Sounds good wish my firends hd tanks to sahre!!

Sorry about your swordtail..


----------



## small fry (Oct 14, 2010)

small fry said:


> Nemo is a clownfish. It is funny, due to my species research, I can name just about every main fish on that movie.:lol: Clownfish (nemo), Regal Tang (Dory), then the lesser main characters are Royal Gramma, Porcupinefish, Yellow Tang, Humbug Damsel, Moorish idol, starfish (which is an invertabrate), butterfly fish, sea horse, etc. I probably missed afew but I haven't seen the movie this year so I can't remember everyone.
> 
> Ok, a little off topic, I am just glad to know that all the fish in finding nemo are real saltwater fish. (I don't think all the fish in the dentist's tank are compatable, I wouldn't try it.)
> 
> ...


Sorry, I (again) was typing while you posted. I will certainly look into that idea (yellow tangs and Royal Gramma). Thanks for the Suggestion, never thought of that.


What does the community think of;
2 Yellow Tangs
1 Royal Gramma
BTW I don't know much about the Yellow tang except that it is somewhat aggressive. If it has any feeding issues, please let me know. I have heard they are good for beginners.

Thanks!


----------



## small fry (Oct 14, 2010)

thefishboy said:


> Sounds good wish my firends hd tanks to sahre!!
> 
> Sorry about your swordtail..


Yeah, they have tanks to "share" because I have money to "share".

(After that trip to Petsmart last night I have $15)


----------



## thefishboy (Aug 20, 2010)

I would only have 1 tang... If it is aggresive than definatley 1.. I do think some clown fish would be good??


----------



## small fry (Oct 14, 2010)

I read tangs will not work. Perhaps something smaller. I have read tangs are extremely active and need well over 100 gallons of swim room!
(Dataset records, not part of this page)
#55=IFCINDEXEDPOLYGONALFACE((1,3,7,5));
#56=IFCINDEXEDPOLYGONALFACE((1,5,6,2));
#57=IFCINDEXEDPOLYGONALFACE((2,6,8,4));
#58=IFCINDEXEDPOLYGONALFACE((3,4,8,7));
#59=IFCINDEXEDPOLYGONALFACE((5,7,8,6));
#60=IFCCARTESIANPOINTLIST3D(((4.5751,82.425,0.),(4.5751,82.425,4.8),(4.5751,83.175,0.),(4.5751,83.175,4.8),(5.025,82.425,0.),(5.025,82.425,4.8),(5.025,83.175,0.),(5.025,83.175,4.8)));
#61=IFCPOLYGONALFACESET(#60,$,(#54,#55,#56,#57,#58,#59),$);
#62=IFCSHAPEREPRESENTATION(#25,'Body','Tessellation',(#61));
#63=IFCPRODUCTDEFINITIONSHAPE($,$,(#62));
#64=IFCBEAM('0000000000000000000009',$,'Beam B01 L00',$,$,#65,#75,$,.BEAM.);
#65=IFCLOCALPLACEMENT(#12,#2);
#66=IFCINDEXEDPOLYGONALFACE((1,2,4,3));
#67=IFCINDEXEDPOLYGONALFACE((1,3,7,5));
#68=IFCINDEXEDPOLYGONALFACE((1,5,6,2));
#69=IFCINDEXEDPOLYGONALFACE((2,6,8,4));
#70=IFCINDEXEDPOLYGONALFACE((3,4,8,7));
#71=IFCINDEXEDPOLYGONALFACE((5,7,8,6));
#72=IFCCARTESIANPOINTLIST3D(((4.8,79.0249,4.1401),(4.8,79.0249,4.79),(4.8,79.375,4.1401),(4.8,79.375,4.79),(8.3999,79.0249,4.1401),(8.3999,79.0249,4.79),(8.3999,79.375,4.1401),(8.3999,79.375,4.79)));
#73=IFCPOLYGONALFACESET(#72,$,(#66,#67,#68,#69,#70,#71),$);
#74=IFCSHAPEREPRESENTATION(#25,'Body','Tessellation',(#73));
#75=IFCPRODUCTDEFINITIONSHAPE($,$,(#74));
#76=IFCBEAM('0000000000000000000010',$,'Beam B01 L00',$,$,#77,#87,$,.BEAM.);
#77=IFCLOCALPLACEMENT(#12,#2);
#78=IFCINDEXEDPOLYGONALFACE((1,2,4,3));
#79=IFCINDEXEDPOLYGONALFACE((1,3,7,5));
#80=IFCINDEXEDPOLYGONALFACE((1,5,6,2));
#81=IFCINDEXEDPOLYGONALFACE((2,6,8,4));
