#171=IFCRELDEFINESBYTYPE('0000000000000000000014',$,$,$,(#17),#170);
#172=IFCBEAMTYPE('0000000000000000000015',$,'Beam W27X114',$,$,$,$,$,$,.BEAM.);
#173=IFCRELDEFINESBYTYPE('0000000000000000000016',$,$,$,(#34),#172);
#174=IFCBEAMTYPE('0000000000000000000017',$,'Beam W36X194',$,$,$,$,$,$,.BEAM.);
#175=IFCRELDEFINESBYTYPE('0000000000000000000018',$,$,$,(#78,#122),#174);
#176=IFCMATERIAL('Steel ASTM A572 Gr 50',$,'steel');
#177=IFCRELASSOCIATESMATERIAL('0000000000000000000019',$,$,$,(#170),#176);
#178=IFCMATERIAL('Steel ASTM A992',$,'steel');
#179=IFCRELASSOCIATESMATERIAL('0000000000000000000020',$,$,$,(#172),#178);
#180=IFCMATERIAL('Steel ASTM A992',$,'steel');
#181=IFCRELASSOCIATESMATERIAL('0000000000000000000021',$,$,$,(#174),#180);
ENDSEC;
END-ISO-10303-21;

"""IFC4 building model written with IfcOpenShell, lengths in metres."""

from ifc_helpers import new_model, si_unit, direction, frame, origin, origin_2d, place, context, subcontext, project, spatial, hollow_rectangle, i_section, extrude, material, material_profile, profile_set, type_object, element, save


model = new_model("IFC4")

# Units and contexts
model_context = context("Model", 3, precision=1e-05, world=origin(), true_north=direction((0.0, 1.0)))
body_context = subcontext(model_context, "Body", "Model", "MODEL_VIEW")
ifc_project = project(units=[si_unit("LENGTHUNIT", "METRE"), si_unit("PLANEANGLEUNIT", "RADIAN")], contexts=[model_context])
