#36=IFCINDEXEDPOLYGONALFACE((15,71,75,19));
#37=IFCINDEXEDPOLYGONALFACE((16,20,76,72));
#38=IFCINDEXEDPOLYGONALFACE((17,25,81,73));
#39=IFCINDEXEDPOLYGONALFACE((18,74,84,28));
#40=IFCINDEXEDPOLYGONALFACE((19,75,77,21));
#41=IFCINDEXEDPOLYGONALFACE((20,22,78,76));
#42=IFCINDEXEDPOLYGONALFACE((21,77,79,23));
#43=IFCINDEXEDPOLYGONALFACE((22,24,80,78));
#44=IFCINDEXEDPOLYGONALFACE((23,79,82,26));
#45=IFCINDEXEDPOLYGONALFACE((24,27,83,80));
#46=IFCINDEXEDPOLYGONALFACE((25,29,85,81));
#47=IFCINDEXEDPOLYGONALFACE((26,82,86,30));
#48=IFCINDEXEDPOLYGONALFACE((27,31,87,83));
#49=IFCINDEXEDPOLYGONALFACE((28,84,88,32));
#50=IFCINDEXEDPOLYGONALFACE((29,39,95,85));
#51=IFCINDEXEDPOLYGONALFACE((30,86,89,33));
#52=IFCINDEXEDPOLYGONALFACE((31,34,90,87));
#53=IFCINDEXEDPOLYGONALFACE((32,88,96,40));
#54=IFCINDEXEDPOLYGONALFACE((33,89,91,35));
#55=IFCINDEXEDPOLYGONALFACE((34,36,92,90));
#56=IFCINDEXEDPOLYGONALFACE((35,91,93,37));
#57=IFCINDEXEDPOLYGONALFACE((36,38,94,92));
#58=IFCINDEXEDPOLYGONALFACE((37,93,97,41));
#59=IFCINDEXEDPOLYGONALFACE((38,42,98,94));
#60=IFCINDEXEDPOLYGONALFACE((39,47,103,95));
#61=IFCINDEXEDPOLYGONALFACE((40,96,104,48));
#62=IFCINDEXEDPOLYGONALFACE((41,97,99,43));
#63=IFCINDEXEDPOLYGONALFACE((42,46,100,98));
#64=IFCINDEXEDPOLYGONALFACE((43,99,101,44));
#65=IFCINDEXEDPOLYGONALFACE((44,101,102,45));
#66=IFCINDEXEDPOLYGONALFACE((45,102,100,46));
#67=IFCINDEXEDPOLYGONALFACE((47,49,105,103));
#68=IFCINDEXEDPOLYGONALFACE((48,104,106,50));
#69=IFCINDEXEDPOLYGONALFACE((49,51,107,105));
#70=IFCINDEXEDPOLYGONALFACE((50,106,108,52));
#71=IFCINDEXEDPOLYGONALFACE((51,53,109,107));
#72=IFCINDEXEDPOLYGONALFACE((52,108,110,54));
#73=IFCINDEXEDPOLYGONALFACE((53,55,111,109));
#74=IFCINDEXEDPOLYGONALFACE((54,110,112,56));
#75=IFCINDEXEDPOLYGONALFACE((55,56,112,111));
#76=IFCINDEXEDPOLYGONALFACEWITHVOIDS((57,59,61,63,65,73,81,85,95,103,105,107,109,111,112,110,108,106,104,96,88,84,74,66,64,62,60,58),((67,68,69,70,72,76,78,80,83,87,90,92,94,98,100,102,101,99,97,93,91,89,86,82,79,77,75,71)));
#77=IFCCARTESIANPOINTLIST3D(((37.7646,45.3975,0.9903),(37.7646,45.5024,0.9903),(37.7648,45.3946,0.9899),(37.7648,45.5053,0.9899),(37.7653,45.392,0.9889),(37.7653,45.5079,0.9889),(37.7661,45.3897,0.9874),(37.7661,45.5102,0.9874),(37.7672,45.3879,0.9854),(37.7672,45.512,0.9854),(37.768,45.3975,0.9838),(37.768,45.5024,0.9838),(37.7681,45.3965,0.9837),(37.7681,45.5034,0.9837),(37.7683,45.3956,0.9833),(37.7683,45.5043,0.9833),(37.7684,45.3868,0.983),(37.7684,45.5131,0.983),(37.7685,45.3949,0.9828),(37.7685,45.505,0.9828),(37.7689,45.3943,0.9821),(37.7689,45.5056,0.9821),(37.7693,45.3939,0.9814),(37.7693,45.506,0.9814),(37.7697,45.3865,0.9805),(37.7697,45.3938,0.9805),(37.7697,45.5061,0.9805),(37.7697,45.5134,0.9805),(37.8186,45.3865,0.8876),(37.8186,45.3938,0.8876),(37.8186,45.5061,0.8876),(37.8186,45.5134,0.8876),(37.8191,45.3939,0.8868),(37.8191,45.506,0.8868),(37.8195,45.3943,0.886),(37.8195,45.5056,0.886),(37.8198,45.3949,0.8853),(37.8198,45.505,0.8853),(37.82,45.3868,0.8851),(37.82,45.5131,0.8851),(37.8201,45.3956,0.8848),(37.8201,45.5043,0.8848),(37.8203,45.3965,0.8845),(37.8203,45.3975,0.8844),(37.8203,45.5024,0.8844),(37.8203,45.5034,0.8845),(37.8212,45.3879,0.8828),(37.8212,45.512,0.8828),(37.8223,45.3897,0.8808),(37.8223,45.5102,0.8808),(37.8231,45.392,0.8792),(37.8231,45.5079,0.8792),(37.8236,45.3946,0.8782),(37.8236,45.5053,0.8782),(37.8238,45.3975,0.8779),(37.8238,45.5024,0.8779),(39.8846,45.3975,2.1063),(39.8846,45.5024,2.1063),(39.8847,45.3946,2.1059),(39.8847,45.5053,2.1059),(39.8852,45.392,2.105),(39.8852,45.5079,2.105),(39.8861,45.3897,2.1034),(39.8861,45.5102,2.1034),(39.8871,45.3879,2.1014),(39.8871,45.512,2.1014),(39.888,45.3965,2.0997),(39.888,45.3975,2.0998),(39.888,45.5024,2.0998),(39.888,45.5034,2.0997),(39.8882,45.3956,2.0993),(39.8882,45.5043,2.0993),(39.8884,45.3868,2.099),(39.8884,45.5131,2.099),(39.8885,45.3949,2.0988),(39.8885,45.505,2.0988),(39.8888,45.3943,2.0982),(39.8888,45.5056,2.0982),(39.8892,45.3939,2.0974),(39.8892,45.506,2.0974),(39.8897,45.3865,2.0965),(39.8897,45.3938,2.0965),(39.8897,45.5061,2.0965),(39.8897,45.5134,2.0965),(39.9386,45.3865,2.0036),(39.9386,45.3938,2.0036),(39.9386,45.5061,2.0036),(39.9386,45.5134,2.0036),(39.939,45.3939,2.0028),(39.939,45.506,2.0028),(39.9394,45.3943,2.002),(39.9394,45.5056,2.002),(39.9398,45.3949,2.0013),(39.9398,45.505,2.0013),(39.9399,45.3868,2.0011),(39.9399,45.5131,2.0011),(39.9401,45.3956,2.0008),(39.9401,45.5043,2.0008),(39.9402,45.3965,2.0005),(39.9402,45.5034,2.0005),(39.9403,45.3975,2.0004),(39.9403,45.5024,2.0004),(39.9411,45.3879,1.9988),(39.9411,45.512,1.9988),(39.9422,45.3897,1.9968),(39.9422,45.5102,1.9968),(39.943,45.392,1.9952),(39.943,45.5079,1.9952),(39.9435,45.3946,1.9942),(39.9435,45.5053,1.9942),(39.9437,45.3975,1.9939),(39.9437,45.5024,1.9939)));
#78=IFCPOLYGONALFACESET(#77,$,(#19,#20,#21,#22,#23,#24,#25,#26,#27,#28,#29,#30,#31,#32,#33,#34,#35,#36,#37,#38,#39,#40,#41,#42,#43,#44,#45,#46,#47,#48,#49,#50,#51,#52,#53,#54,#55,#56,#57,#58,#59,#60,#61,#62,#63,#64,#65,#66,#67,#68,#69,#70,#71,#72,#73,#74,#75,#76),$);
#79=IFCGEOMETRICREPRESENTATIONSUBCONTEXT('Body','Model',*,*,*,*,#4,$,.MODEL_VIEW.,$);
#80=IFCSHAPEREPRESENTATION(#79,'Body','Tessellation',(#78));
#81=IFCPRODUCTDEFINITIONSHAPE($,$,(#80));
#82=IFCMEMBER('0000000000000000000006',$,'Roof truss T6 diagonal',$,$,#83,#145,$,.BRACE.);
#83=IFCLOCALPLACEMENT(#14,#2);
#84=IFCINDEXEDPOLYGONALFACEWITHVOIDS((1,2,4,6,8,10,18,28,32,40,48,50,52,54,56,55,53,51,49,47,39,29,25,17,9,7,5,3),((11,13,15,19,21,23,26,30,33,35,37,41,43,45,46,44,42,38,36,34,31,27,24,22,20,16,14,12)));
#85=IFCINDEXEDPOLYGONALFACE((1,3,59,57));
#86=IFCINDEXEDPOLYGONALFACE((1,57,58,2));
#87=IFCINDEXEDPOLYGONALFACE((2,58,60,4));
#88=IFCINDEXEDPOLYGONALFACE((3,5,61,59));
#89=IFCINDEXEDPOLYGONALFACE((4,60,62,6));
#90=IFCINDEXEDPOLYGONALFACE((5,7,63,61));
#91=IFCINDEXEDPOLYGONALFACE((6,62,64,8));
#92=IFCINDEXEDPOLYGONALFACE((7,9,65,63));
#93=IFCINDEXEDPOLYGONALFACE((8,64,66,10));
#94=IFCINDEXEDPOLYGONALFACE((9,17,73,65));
So much for that dentist's small tank lol!

I will be looking at different kinds of fish, now. If anyone can think of a fish that will work in a 55g, please tell me. Thanks!

BTW how long can guppies live in SW? I have heard they can live a while (I don't know how long "a while" is) in saltwater which "makes them perfect for feeder fish." I am somewhat interested in lionfish, they prefer live food. I am just curious. (I wish there was a flake or pellet that replaced live food because I love guppies)

Any objections to loinfish in a 55? I have heard they are suitable for tanks 30g and bigger.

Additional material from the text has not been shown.